Lorant Vincze sözlerine şunu da ekledi: ''26.Eylül günü kutladığımız Bölgesel ve Azınlıklar Dilleri Avrupa Şartnamesi Avrupa Konseyi'nin önerisi üzerine Avrupa komisyonu tarafından kabul edilmesi asabiyle olumlu bir örnektir. Avrupa Komisyonu Avrupa Konseyi tarafından önerilen diğer girişimleri de, örneğin dil şartnamesi veya ulusal azınlıkların korunmasını teminen çevre anlaşmaları gibi, kabullenerek, AB düzeyinde yasama mevzuatı kapsamına almış olsaydı, bu da benzer olumlu bir örnek teşkil ederdi. Adıgeçen konuşmasında, ana dili kullanma hakkının sağlanması, azınlıklara ana dilde eğitimi, dil çeşitliliği için bir Avrupa merkezinin kurulması azınlık dillerine gerekli bir AB finansmanın teminat altına alınması konularının anılan girişim tarafından önerilen çözümler içinde yer alması nedeniyle, azınlıkların ve bölgesel dillerin korunmasının Minority SafePack adlı halk girişiminin odak noktasını teşkil ettiğine işaret etti. FUEN Başkanı bu önerilerin yasal olarak kök salmasından önce daha pek çok işin olduğunu da hatırlattı.

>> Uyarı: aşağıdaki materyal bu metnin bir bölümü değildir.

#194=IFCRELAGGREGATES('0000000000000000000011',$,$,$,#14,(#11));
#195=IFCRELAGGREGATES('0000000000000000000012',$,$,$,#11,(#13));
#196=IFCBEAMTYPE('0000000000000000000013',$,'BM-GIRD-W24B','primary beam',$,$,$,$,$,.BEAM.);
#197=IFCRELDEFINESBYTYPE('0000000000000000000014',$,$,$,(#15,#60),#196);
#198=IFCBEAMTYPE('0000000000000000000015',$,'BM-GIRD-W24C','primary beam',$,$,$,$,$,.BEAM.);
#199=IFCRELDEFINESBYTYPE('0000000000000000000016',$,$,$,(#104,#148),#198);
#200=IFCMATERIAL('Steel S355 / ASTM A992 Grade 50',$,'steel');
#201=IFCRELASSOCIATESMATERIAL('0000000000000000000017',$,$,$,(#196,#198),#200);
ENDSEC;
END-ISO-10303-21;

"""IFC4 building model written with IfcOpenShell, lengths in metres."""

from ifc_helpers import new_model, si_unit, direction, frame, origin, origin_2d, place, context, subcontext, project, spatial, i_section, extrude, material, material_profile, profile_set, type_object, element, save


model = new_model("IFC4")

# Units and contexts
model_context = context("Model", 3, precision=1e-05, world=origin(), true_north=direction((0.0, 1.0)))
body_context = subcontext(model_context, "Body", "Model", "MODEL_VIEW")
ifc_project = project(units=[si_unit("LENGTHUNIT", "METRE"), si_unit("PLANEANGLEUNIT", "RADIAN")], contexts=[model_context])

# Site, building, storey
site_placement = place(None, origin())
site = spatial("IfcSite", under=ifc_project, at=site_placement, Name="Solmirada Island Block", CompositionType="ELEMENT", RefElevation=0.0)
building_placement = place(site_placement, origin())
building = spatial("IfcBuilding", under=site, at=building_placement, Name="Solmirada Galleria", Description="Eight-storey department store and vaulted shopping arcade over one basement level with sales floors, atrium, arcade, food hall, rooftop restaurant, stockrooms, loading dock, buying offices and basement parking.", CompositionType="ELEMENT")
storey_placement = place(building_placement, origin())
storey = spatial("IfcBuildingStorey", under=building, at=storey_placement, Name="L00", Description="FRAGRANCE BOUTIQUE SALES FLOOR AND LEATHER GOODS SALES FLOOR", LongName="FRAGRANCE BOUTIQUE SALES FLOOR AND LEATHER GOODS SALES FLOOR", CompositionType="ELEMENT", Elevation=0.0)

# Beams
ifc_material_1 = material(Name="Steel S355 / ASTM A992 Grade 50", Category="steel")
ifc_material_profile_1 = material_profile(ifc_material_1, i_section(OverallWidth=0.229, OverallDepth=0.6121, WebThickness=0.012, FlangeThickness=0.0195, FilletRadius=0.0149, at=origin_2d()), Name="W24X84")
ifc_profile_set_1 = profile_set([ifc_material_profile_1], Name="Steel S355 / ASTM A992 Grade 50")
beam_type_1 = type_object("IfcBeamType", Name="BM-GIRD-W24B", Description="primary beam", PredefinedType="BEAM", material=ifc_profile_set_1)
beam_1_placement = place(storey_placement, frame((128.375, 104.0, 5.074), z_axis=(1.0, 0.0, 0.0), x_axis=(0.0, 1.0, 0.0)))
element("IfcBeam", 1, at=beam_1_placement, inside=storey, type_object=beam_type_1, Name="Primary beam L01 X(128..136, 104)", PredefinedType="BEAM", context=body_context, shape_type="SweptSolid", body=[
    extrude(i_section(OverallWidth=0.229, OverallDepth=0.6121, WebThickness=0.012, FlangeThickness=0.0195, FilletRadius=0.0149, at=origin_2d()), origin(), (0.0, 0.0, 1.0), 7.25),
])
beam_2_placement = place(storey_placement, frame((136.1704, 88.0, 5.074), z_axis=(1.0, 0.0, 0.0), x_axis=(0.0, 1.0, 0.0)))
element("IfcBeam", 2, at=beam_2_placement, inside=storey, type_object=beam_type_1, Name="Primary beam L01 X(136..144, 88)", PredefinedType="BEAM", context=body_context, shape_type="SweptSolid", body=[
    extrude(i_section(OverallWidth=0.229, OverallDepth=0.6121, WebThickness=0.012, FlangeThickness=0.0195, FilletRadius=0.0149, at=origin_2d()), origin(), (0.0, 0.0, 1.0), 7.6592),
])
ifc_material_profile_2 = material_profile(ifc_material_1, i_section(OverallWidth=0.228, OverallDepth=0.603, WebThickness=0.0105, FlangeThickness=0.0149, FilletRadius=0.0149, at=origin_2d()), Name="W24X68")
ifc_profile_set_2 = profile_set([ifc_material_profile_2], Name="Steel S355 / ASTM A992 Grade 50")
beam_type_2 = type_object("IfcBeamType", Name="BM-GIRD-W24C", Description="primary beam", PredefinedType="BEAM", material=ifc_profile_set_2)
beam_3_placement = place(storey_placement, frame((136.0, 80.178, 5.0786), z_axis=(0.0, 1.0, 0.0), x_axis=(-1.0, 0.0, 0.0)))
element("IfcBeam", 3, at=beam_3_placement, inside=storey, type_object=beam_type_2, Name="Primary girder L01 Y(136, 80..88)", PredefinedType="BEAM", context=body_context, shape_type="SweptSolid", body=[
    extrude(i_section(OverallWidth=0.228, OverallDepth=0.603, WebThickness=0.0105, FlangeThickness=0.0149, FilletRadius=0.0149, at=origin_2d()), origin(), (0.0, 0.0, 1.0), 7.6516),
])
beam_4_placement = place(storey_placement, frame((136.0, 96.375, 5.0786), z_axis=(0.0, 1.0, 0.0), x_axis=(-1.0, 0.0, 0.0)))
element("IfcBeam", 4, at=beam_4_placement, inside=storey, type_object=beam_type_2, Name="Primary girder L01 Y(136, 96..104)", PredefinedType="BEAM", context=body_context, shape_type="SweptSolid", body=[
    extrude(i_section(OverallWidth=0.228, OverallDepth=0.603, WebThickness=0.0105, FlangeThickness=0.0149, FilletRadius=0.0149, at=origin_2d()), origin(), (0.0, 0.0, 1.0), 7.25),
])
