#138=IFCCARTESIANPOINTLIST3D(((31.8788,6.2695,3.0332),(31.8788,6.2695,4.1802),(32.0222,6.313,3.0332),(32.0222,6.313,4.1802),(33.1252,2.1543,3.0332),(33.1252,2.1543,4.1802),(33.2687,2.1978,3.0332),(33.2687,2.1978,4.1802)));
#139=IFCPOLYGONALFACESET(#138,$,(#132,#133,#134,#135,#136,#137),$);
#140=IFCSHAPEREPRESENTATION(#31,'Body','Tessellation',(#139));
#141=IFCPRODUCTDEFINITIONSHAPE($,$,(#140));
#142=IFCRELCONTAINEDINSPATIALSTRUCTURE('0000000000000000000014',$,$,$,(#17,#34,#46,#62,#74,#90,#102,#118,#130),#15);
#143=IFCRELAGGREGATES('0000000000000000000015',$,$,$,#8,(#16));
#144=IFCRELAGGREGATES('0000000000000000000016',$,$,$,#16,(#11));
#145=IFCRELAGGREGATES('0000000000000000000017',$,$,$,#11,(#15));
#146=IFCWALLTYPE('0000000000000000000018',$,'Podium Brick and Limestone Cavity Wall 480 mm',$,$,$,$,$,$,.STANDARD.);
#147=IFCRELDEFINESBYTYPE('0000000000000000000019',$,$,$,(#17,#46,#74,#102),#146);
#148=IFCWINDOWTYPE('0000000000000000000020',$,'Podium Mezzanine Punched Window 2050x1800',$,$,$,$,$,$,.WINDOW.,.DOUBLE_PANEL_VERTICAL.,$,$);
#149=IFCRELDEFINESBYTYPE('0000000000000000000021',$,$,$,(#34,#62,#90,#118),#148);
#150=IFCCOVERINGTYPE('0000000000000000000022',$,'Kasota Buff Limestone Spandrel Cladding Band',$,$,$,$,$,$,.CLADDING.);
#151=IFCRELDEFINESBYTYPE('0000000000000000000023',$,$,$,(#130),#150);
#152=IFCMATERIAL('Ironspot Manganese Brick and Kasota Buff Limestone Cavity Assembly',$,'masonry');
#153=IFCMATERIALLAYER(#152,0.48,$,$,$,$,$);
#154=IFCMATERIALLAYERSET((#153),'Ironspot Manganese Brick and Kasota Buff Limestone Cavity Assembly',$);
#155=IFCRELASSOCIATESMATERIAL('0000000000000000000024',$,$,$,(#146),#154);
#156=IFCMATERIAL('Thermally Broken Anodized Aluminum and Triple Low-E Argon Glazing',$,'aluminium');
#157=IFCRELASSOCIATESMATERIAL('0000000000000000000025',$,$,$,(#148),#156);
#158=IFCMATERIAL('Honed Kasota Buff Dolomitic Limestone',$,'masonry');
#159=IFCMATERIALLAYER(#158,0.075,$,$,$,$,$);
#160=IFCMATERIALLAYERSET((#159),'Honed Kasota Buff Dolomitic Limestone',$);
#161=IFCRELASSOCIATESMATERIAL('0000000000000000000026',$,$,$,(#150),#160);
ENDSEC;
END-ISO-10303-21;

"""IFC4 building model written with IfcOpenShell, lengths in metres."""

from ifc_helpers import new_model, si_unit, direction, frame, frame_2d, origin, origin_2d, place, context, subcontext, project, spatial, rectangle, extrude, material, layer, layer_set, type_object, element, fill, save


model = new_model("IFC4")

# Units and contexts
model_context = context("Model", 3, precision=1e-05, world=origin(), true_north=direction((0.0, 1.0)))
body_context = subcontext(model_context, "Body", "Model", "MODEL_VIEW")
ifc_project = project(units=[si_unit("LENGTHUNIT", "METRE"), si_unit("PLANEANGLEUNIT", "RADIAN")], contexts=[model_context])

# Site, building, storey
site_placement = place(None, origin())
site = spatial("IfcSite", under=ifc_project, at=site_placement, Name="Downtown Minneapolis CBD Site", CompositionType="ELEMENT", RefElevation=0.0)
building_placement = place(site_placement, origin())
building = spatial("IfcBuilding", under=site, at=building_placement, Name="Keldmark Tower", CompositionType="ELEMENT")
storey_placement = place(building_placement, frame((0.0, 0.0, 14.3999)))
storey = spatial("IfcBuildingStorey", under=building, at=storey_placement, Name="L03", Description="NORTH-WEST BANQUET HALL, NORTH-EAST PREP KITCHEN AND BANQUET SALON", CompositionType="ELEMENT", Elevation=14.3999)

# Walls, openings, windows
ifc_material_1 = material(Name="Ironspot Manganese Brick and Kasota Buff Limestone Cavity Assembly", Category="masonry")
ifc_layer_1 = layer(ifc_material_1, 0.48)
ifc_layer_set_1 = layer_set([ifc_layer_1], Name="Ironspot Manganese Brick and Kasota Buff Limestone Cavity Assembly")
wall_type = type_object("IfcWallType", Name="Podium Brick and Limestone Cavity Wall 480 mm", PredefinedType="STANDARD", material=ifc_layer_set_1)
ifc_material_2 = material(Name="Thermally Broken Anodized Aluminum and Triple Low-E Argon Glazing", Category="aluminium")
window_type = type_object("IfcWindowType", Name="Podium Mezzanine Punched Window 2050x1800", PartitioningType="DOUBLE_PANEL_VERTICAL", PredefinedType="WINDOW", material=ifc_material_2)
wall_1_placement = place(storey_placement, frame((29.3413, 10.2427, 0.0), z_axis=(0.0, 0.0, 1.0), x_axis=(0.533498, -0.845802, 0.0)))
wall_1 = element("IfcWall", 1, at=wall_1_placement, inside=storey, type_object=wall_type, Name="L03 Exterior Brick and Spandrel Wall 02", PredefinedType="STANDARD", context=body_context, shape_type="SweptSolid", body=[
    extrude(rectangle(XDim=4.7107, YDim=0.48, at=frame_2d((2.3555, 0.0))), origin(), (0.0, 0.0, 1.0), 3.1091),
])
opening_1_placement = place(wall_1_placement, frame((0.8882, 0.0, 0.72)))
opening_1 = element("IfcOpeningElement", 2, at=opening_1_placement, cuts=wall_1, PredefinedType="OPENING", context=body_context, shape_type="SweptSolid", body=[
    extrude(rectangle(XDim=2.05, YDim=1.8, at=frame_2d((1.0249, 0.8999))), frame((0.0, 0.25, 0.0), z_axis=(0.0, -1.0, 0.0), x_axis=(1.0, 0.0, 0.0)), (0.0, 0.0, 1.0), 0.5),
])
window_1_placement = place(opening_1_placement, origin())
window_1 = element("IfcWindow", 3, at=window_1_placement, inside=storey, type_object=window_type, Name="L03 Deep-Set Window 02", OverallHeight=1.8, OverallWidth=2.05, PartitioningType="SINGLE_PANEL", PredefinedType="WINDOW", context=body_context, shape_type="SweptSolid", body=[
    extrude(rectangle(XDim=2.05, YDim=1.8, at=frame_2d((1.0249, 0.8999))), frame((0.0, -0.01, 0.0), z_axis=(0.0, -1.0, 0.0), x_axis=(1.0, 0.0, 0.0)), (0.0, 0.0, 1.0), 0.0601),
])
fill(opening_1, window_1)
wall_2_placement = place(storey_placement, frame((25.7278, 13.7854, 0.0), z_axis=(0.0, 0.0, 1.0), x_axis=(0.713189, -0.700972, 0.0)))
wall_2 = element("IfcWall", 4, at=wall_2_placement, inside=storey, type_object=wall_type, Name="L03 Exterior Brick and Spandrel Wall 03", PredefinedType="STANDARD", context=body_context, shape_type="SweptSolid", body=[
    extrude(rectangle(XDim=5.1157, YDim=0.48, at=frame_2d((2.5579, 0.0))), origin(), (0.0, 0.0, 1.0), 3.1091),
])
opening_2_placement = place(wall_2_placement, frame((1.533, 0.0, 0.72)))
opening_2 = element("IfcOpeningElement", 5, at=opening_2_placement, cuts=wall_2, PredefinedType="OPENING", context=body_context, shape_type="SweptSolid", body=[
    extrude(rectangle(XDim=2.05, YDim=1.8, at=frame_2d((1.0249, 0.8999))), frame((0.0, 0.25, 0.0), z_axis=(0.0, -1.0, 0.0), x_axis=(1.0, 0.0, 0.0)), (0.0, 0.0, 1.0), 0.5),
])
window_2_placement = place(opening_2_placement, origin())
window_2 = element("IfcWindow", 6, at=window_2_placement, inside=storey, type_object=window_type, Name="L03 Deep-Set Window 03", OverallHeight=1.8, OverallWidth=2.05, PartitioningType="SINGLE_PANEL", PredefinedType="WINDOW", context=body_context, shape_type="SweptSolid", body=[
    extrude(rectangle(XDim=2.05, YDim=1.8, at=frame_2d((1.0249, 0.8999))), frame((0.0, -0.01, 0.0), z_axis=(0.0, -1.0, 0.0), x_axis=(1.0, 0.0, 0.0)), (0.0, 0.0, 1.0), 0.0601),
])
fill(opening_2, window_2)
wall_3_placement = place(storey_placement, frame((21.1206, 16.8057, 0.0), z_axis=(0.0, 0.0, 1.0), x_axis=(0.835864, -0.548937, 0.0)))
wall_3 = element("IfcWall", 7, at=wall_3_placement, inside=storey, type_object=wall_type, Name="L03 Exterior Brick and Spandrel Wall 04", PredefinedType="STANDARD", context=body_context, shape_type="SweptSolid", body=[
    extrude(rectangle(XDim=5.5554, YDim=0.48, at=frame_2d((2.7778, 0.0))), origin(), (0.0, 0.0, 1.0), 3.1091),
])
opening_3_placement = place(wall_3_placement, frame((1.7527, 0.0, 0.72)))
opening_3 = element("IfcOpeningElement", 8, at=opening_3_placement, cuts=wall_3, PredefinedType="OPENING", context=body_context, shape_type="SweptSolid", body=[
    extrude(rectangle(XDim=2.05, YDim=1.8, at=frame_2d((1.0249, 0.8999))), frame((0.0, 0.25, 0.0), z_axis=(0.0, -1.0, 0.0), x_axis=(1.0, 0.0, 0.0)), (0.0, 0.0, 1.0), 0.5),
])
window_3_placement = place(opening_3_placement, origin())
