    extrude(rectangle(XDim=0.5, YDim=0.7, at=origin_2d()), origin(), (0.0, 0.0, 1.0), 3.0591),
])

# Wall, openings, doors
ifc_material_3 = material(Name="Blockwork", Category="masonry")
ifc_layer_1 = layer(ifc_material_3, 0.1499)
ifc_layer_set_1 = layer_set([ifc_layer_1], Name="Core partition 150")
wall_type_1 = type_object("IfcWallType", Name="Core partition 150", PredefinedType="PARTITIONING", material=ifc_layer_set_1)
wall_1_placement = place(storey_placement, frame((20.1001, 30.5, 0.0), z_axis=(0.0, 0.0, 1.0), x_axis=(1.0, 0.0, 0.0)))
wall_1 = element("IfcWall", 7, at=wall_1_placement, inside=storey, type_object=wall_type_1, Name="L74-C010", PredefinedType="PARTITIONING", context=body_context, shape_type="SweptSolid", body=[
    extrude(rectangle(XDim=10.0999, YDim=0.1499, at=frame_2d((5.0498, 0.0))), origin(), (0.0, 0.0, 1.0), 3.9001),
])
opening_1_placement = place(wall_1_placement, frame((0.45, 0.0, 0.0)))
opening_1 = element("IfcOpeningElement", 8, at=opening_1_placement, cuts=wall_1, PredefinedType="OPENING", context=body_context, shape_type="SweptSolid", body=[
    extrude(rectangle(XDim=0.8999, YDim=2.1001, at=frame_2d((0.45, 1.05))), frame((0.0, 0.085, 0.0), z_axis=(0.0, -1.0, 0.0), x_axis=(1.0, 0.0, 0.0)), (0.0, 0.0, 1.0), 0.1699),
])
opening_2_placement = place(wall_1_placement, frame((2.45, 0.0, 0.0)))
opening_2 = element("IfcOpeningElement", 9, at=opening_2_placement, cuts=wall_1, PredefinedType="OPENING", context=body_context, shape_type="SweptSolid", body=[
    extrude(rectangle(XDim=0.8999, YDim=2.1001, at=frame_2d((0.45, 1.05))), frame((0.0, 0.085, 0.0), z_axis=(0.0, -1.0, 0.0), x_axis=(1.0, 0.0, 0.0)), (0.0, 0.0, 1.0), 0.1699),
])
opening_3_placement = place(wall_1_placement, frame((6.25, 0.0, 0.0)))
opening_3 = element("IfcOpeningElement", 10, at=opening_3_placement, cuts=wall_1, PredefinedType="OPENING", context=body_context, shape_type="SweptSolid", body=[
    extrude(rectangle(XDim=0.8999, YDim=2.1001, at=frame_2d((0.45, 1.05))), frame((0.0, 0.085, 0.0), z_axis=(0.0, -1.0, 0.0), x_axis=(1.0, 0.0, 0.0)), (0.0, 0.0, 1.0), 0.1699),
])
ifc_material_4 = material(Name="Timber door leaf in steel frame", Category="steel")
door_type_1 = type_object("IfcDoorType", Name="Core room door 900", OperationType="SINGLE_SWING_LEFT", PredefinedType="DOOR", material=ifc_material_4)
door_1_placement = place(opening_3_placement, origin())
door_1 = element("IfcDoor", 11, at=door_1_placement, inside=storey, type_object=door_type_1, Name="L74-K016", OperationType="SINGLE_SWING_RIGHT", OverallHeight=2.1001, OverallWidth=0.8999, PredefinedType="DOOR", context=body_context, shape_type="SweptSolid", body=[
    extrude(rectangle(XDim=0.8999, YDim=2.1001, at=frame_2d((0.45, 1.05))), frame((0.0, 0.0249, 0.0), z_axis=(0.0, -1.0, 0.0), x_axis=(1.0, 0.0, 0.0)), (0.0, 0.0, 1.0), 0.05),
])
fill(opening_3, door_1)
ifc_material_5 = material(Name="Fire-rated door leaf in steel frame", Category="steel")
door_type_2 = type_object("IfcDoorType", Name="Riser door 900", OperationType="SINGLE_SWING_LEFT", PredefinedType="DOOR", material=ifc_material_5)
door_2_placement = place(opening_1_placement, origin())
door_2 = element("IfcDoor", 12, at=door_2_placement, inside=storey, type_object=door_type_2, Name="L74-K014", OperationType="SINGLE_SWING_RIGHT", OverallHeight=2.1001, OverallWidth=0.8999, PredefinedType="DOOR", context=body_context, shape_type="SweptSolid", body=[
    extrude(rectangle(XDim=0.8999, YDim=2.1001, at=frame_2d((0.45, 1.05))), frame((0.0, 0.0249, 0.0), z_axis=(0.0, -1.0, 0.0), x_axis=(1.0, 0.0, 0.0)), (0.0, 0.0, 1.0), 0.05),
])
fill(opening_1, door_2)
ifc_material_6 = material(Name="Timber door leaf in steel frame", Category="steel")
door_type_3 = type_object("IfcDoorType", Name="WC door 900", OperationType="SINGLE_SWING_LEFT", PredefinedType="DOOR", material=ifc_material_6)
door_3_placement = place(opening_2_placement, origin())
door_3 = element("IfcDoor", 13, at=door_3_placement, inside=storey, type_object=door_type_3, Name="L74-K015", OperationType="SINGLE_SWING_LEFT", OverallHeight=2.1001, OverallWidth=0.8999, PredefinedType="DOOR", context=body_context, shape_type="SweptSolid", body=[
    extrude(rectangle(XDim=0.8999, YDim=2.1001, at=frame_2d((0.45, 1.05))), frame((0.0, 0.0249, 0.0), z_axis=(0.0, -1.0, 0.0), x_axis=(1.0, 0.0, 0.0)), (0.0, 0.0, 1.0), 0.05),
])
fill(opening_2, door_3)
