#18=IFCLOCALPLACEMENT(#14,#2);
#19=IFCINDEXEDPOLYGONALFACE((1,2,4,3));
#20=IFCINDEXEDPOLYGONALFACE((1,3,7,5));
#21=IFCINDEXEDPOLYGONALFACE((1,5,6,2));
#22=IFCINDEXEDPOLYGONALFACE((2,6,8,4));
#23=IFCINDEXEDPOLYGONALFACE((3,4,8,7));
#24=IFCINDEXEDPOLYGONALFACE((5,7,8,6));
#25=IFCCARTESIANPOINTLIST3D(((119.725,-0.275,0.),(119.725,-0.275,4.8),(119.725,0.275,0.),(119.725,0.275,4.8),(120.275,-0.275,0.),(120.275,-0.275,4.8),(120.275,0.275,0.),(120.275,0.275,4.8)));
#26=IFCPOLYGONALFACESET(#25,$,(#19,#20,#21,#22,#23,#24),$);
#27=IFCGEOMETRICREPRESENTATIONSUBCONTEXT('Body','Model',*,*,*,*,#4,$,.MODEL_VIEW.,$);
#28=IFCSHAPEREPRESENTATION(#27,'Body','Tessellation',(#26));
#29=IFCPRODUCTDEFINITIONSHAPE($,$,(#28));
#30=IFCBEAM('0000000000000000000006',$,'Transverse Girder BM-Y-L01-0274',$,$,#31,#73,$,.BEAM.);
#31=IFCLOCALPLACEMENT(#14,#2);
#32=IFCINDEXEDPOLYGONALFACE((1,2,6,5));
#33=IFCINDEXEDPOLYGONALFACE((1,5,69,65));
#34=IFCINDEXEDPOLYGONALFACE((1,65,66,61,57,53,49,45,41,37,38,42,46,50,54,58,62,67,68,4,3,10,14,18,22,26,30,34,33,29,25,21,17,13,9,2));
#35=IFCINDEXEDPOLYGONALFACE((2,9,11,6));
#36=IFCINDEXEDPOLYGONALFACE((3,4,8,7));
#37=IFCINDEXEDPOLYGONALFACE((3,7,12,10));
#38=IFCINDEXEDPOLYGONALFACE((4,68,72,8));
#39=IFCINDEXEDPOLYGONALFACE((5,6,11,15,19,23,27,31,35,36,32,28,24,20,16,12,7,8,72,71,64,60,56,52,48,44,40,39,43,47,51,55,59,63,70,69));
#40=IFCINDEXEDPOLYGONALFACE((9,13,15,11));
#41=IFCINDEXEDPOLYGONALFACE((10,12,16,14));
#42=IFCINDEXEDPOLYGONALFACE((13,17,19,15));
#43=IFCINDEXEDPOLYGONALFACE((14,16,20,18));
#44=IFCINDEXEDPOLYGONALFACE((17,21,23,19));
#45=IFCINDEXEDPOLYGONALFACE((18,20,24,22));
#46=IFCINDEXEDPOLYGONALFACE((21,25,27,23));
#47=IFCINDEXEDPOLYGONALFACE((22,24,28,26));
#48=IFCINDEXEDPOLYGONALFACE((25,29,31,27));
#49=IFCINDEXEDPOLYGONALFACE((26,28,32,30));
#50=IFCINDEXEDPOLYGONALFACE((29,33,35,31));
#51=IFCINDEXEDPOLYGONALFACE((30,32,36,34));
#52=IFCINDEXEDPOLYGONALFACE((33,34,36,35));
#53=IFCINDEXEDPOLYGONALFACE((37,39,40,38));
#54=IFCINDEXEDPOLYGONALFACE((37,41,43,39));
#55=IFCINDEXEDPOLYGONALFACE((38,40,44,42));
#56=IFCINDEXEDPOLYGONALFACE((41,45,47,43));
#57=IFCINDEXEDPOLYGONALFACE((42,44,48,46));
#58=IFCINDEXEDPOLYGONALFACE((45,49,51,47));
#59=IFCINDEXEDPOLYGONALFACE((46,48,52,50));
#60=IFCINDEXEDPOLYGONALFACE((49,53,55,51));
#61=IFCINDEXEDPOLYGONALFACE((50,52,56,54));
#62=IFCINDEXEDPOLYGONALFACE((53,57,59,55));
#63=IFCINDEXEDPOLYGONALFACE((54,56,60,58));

Lorant Vincze ayrıca azınlık toplumları ve dil gurupları konferansının ikincisinin FUEN tarafından Kasım ayında Güney Tirol'de yapılacağını ve konferansın gündemini, ekonomik yönden gelişmemiş bölgelerin teşviki ile Avrupa'nın çeşitli bölgelerindeki dil haklarının uygulanması konularının teşkil wedeceğini duyurdu.
Jill Evans adlı milletvekili ile, Fransa ve İspanya'nın çeşitli bölgelerinin, Promote Linguistic Diversity ve European Language Equality kurumlarının çalıştay temsilcileri de anılan etkinliğe katılanlar arasındaydı.